Collection agency scams try to scare victims about debt, so they obediently give them their money. In this confidence trick, the fraudster disguises as an employee.

What happens if you don’t do what they say? There’s no guarantee their threats are real. But if you don’t follow their game, they will threaten you with even higher penalties. Better to pay up?

According to law XYZ, you need to pay $X today to cover all your outstanding financial issues. If you don’t, you must provide your credentials, so we can contact you and solve the problem. If you pay this week, we will forgive 20% of your debt.

That sounds like a good deal, no?

Impersonation scams are common. Keep in mind that if the first point of contact was through telephone or via an online method, it’s probably a scammer.

TIP: Ask them to identify themselves and the bureau they are working for. Then hang up and find their official website and contact them back through a phone number that you obtained on that website. And verify if there is really something wrong through this official channel.

Detect The Scam: Things A Legit Agency Will Never Do

If a fake collector calls you, it wouldn’t surprise us if you fell for it. Statistics show at least eight of every ten Americans are in debt. Even if you never got a collector’s call before, most people would expect it. Scammers have a high chance of contacting the right victim.

But there are six things a real collecting agency won’t ever do, no matter how much you owe.

Reach-out Method

According to the IRS themselves, online messaging is unreliable for tax collection. They may use it but only as a follow-up method.

The official procedure is mail communication. Long after they inform you, they may phone call if you didn’t reach back to them.

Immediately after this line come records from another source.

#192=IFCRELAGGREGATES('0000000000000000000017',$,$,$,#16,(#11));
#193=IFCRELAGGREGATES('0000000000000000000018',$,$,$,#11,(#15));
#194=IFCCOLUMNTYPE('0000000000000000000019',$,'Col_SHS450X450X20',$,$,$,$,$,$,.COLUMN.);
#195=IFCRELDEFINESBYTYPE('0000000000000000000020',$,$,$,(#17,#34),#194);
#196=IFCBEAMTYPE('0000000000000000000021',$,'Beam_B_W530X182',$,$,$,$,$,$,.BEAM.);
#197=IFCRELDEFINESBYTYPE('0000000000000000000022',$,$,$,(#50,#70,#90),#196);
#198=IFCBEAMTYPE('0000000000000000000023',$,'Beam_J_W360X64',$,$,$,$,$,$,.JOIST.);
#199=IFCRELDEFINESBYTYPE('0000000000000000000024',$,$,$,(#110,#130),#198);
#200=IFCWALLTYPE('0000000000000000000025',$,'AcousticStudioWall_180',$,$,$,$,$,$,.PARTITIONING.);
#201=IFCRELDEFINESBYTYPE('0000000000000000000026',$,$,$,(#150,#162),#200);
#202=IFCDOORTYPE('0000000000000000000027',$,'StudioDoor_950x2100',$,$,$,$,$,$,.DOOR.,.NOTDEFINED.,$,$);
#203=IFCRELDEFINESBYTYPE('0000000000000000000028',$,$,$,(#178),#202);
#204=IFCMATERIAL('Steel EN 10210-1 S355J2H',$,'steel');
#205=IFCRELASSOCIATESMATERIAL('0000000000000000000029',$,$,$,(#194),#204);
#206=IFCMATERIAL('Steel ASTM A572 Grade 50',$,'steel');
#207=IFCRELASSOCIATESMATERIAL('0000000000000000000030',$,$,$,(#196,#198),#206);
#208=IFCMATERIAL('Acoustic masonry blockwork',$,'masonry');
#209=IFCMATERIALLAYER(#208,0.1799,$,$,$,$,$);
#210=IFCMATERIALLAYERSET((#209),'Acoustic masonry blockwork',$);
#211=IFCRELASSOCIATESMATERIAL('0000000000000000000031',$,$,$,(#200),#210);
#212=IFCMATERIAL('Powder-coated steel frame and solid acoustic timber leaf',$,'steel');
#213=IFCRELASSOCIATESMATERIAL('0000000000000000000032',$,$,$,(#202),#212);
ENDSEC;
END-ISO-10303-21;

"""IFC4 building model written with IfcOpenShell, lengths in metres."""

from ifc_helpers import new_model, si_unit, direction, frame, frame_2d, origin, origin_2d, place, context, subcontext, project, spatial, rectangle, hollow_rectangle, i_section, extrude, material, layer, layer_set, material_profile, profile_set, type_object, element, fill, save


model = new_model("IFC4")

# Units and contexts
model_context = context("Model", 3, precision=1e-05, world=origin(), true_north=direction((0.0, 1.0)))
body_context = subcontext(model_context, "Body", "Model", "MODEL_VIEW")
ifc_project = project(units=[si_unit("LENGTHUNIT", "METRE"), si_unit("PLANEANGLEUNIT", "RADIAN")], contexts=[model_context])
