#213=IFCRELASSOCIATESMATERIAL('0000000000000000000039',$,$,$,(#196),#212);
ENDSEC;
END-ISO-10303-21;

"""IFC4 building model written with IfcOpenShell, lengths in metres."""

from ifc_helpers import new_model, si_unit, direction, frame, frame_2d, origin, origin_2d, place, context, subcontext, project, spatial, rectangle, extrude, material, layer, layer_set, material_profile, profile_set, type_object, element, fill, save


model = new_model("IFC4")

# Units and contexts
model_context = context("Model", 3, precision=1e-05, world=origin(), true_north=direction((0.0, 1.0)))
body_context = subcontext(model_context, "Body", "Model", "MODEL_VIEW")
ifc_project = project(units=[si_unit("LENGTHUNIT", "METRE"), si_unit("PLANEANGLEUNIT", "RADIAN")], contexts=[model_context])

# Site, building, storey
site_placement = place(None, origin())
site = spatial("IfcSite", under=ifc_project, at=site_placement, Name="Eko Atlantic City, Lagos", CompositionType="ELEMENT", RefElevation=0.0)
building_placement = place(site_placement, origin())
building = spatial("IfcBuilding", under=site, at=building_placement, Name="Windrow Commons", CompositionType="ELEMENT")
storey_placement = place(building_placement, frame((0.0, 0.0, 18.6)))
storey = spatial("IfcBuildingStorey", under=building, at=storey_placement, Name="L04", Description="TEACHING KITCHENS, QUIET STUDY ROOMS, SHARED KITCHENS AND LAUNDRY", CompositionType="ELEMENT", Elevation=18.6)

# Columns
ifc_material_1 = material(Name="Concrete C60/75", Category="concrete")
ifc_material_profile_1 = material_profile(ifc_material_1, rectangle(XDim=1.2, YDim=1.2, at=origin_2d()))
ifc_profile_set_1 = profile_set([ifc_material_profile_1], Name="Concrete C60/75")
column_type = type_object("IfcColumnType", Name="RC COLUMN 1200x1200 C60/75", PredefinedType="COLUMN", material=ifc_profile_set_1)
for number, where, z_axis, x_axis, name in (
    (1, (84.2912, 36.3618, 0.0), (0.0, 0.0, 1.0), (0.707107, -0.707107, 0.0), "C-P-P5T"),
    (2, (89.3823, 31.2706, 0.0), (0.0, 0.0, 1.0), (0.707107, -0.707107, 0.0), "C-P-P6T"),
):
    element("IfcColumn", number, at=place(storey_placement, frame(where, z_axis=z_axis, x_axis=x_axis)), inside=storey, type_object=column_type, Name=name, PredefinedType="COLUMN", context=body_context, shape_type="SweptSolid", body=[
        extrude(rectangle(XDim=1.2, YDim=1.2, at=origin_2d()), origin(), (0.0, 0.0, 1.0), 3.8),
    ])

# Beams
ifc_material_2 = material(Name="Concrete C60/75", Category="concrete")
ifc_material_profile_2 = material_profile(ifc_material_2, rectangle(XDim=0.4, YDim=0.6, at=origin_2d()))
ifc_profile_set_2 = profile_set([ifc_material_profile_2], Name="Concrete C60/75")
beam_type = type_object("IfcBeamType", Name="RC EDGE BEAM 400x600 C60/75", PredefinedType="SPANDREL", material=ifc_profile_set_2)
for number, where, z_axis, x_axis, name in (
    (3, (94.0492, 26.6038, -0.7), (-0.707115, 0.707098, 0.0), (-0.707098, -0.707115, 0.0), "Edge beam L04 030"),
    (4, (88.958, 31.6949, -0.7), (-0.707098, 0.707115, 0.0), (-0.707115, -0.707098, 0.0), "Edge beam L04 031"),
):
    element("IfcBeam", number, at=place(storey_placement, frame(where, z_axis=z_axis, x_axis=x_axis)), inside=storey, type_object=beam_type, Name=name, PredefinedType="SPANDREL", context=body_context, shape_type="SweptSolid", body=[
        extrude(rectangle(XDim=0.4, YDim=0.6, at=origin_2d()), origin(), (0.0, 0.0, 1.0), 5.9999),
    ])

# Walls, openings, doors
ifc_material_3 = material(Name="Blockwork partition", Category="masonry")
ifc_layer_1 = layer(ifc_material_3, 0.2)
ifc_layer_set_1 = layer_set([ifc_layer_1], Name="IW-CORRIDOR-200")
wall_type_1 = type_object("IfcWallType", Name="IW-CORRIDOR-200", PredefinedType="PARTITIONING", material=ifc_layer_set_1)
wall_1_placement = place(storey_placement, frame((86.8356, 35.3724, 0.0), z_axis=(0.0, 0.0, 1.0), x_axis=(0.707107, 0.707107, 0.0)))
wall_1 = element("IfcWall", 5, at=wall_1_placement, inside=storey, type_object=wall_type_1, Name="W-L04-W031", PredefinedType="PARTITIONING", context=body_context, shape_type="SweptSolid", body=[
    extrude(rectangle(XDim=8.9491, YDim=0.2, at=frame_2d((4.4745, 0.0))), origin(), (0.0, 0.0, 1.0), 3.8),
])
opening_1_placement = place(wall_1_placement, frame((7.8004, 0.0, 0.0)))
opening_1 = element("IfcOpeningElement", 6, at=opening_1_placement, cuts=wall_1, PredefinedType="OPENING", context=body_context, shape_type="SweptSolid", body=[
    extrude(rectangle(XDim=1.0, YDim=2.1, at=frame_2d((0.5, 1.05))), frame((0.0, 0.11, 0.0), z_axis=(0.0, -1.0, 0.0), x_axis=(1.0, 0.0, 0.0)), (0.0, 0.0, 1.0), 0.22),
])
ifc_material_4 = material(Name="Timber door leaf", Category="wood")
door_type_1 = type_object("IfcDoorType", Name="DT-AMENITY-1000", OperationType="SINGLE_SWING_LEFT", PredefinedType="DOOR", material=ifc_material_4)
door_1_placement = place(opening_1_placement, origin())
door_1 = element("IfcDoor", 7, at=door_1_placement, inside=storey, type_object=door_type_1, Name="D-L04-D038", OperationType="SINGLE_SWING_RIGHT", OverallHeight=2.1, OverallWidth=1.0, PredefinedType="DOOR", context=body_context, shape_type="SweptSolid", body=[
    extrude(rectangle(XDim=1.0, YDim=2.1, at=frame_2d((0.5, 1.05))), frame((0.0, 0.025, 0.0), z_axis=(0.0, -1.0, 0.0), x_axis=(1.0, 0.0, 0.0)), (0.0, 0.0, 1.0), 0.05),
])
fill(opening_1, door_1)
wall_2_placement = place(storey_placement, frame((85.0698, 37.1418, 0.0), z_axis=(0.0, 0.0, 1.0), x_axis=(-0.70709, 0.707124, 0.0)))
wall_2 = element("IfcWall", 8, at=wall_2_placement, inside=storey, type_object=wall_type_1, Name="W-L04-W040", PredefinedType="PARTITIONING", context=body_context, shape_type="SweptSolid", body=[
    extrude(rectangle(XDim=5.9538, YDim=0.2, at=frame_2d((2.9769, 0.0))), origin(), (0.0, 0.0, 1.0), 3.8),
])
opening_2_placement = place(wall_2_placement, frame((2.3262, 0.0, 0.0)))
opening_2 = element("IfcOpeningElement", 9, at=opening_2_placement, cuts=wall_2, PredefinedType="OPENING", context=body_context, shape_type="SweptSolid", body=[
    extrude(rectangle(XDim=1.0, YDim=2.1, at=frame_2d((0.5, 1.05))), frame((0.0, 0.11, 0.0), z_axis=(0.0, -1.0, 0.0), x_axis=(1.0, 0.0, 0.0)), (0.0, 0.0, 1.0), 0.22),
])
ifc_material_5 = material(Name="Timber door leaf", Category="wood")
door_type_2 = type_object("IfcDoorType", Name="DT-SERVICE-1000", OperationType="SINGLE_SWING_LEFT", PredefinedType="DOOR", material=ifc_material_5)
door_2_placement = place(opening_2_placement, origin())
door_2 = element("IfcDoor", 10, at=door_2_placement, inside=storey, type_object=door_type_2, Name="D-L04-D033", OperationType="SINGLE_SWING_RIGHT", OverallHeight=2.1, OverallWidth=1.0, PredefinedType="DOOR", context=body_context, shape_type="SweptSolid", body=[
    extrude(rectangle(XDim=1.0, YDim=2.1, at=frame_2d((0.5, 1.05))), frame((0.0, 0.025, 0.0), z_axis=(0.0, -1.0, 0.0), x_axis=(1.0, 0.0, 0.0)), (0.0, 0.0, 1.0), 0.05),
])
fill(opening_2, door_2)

Any collection agency reaching out via email or phone is a fraud.

Urgent Warning Tone

Yes, tax collectors want you to pay as soon as possible. Possibly today. But they can’t force you to do it.

Fraudulent agencies request payment the same day they call you. They make sure the idea of not doing it today scares you enough.

Collection agencies shouldn’t be that aggressive with their clients. They know you weren’t expecting the call. What makes them think you have the money ready at that moment?

There are months since you get the collector’s notice until the deposit. Not a few minutes on the phone.


They certainly won’t reward you for delaying payments. But they neither can force consequences when you don’t pay.

A responsible taxpayer knows that not paying is an expensive mistake. In the call, however, the fraudster tries to scare you with future problems, not inform.

It may not be good to avoid taxes, but it’s neither correct to threaten taxpayers. The moment it happens, the collector has no credibility. Harassment is illegal: real agencies won’t do it.

It doesn’t matter if they mention the police, the IRS, or the court. Collectors can’t use other institutions to force a response.

Frequent Notices

Legit collectors call at convenient times to merely inform, not chase the taxpayer. A scammer won’t respect business hours, so they can call you on any day of the week at, say, 7 PM.

Agencies could call a few times a week, never too often. If the frequency is abusive, you consider it harassment.

No Collector ID

You feel abused by this collector, who is constantly after you. He calls every day and doesn’t let you breathe. Ironically, you don’t know who this person is.

When authorities reach out, they start by introducing their position and verify it. They can show an emblem, give you a phone number, or show their credentials and ID.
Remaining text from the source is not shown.